Note:  At the point where a line is tangent to a parabola, Y_Parabola = Y_Line. Therefore Y_Parabola – Y_Line = 0_.  But in this case the tangent line is the x-axis (given) so the line is simply y = 0.  (or, y = 0x + 0 if you want to be precise!) Since the gradient of y = 0 must be m = 0, we know the tangent is horizontal. This only happens at a stationary point.  But a parabola only has one stationary point (the maximum or minimum).  In this case the stationary point touches the x-axis so it is also the only root of the parabola.  Consequently the discriminant, b² – 4ac is 0.  (Recall that, if there are two real roots b² – 4ac > 0, if there are no real roots b² – 4ac < 0.)
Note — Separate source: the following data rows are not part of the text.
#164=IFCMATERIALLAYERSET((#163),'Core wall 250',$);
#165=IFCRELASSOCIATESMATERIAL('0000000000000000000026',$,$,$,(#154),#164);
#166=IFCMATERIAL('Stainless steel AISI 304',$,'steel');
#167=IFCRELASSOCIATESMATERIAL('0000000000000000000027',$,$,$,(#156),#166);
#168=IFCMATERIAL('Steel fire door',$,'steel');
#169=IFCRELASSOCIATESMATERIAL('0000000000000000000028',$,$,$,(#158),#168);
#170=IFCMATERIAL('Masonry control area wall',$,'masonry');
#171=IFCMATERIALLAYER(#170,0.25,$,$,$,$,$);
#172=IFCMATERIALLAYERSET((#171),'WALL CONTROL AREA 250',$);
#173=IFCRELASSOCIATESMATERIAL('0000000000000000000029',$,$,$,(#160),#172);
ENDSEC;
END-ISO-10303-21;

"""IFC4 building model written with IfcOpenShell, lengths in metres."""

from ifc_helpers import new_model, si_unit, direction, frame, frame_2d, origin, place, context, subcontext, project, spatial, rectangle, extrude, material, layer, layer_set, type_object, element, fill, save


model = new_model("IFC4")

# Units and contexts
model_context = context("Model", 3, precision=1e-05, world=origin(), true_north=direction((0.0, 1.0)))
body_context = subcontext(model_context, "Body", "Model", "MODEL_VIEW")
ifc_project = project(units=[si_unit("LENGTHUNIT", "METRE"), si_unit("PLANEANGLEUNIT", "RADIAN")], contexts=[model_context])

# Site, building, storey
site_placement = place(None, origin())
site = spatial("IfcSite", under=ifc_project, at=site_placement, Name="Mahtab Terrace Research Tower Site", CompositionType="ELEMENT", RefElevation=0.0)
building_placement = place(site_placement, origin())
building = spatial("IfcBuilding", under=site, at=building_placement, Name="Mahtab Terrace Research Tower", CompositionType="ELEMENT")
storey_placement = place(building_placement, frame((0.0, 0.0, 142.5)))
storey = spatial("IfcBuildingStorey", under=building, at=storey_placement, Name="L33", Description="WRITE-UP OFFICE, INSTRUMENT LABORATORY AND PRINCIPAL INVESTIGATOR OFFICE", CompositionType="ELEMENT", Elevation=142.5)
Calculus has only been used in the background to understand the problem.   We never found the first derivative.  This suggests an alternative but more complicated approach.

Alternate method:

m = dy/dx = 2x + 2k + 10 

As noted above, m = 0  (The tangent is horizontal).

0 = 2x + 2k = 10

0 = 2(x + k + 5)

0/2 = 0 = x + k + 5

x =  – k – 5 

Substitute this x into Y_Parabola = 0             (The tangent is the x-axis which is the line y = 0).

1x² + (2k + 10)x + k² + 5 = 0

(–k – 5)² + (2k + 10) (–k – 5) + k² + 5 = 0

k² + 10k + 25 – 2k² – 10k –10k – 50 + k² + 5 = 0

20 = -10k

k = -2          As before. Undoubtedly there exist even more complicated solutions but Johnny will stop here.